Abstract Incorporating a third component into binary organic solar cells (b‐OSCs) has provided a potential platform to boost power conversion efficiency (PCEs). However, gaining control over the non‐equilibrium blend morphology via the molecular design of the perylene diimide (PDI)‐based third component toward efficient ternary organic solar cells (t‐OSCs) still remains challenging.
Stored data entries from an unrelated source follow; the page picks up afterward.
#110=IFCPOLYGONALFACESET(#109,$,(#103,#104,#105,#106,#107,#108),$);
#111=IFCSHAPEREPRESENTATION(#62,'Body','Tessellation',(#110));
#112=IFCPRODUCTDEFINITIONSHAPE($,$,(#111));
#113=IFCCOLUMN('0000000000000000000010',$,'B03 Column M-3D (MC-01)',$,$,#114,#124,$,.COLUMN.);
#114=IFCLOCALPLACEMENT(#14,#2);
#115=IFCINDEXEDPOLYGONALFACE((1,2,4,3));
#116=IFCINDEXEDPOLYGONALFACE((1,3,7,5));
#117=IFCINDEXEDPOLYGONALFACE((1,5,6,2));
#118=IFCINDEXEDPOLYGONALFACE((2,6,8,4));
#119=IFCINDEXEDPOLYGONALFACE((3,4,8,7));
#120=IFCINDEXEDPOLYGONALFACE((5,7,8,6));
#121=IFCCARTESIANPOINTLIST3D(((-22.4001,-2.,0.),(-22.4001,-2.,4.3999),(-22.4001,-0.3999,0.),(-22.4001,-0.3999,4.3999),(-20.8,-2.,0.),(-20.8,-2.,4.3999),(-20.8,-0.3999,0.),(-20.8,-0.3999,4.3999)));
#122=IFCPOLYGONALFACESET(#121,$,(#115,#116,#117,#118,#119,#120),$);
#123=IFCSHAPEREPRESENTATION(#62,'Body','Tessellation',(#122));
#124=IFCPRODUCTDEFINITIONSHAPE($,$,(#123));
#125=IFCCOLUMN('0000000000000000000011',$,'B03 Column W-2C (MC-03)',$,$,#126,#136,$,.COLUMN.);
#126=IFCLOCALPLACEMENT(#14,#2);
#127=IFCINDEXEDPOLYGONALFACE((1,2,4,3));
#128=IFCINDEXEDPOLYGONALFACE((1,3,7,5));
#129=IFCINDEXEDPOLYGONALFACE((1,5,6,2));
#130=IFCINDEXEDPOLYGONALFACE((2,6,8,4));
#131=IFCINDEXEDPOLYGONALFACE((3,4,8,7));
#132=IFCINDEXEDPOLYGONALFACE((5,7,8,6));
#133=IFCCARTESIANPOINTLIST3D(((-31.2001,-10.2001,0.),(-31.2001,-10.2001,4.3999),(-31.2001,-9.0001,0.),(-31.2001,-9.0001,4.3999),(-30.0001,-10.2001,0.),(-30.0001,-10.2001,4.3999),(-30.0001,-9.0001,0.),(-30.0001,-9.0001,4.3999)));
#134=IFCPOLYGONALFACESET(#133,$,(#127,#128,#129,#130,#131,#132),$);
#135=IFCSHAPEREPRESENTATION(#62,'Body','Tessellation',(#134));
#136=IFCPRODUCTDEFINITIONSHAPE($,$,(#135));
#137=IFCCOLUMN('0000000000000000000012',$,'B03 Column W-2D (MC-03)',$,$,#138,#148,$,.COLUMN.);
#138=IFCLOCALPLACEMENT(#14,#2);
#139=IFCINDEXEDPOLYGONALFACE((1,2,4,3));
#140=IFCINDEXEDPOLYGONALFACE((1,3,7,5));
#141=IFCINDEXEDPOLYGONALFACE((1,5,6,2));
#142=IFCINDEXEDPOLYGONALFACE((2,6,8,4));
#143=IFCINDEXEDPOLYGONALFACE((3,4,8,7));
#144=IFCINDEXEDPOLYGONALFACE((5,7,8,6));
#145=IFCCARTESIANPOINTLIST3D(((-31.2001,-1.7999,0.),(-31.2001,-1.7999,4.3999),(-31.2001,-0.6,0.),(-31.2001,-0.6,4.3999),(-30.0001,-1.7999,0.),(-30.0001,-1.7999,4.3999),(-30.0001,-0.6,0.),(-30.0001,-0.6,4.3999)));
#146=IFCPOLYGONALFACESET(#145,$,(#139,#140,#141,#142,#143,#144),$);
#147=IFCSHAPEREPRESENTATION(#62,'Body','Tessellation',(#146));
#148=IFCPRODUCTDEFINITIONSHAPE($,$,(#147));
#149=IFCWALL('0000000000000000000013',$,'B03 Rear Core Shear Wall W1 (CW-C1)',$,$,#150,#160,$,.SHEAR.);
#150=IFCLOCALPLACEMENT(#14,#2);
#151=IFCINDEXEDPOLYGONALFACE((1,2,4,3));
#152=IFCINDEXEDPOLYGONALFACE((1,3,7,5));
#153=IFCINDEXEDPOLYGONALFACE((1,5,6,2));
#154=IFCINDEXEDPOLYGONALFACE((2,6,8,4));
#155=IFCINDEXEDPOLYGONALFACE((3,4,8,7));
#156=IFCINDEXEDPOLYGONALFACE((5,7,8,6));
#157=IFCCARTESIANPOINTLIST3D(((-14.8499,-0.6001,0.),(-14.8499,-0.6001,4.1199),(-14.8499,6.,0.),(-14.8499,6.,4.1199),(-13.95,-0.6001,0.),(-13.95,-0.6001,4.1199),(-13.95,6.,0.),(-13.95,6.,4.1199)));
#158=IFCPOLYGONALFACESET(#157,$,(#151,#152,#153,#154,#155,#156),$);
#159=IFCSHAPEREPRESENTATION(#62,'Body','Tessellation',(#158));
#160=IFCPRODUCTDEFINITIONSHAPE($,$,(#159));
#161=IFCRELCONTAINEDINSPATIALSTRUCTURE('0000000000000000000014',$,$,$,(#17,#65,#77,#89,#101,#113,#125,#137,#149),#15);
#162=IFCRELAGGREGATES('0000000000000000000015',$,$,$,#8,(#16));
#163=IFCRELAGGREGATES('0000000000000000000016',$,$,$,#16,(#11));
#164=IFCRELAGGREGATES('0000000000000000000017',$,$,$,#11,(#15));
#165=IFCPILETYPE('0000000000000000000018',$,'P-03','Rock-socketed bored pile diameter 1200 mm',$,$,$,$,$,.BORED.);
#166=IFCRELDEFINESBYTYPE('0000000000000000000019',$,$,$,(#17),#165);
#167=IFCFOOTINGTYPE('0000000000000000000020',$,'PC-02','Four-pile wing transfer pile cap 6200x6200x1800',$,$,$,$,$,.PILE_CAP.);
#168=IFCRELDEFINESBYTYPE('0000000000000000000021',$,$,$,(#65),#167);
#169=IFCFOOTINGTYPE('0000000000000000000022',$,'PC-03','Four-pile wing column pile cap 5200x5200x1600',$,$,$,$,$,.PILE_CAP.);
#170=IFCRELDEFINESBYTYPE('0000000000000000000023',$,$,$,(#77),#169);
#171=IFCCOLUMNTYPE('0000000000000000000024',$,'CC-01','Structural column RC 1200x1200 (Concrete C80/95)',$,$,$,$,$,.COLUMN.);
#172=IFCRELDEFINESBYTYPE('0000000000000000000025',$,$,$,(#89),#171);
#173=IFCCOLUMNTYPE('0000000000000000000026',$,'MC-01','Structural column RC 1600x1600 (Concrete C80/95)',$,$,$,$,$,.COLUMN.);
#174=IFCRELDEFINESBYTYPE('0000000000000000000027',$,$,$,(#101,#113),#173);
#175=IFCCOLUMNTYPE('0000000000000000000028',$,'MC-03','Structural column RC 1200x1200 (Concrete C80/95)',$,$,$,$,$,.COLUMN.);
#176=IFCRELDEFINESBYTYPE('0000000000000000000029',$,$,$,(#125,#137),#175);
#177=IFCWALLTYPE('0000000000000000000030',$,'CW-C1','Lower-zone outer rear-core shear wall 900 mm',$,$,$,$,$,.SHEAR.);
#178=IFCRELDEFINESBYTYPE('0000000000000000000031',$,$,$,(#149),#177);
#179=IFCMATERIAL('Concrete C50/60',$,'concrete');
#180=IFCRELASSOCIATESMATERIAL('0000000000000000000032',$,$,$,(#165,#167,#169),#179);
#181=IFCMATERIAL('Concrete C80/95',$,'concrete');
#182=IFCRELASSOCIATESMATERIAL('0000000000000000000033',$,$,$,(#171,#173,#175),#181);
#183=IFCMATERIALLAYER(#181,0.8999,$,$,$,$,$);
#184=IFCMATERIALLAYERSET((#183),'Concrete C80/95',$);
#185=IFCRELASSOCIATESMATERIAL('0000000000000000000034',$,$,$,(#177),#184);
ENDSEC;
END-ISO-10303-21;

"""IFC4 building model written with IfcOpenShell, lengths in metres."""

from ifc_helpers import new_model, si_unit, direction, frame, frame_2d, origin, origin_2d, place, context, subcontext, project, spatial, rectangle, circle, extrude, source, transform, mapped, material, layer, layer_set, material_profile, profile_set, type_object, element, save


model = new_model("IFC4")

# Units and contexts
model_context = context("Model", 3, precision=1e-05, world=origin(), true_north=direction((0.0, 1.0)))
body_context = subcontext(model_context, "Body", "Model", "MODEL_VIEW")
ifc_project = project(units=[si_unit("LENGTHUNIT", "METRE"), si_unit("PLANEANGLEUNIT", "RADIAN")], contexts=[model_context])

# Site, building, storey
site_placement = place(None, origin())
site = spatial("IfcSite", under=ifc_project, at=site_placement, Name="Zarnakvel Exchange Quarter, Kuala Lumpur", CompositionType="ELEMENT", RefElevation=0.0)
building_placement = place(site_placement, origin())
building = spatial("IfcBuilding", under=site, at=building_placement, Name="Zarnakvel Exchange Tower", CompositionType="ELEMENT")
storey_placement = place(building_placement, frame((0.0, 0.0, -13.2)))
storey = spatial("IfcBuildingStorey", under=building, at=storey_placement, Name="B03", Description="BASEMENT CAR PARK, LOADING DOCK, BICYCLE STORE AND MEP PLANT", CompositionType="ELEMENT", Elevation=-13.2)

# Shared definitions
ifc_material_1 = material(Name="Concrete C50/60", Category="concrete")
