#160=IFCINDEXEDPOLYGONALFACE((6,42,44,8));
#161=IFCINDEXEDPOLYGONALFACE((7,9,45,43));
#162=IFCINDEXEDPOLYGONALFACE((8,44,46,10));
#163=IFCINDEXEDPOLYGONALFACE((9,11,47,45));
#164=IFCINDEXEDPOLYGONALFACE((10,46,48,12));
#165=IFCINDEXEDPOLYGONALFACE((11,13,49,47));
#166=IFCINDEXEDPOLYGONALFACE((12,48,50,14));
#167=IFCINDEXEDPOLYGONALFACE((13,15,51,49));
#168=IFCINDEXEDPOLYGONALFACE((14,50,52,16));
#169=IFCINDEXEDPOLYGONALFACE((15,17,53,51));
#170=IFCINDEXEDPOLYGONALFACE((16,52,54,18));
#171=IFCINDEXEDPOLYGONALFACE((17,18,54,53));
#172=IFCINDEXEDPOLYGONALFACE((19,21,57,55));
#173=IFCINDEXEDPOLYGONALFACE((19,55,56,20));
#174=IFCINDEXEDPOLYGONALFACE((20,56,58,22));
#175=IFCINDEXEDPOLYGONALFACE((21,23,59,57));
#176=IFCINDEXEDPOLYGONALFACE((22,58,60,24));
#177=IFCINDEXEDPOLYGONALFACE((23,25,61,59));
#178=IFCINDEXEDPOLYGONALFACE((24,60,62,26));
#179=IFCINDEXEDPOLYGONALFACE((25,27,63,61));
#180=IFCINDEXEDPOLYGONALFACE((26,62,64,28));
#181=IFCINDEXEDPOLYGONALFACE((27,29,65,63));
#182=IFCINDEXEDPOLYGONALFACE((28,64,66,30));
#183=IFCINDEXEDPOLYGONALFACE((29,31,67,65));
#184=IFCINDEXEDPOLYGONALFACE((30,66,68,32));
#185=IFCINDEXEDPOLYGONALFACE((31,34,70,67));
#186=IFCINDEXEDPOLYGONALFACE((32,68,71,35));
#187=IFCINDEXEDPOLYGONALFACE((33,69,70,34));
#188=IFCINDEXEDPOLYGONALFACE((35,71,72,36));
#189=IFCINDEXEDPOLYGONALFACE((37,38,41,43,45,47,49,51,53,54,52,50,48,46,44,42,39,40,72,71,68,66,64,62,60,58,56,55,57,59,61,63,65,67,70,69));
Herein, two novel PDI derivatives are developed with tailored molecular planarity, namely ufBTz‐2PDI and fBTz‐2PDI, as the third component for t‐OSCs. Notably, after performing a cyclization reaction, the twisted ufBTz‐2PDI with an amorphous character transferred to the highly planar fBTz‐2PDI followed by a semi‐crystalline character. When incorporating the semi‐crystalline fBTz‐2PDI into the D18:L8‐BO system, the resultant t‐OSC achieved an impressive PCE of 18.56%, surpassing the 17.88% attained in b‐OSCs. In comparison, the addition of amorphous ufBTz‐2PDI into the binary system facilitates additional charge trap sites and results in a deteriorative PCE of 14.37%. Additionally, The third component fBTz‐2PDI possesses a good generality in optimizing the PCEs of several b‐OSCs systems are demonstrated. The results not only provided a novel A‐DA'D‐A motif for further designing efficient third component but also demonstrated the crucial role of modulated crystallinity of the PDI‐based third component in optimizing PCEs of t‐OSCs.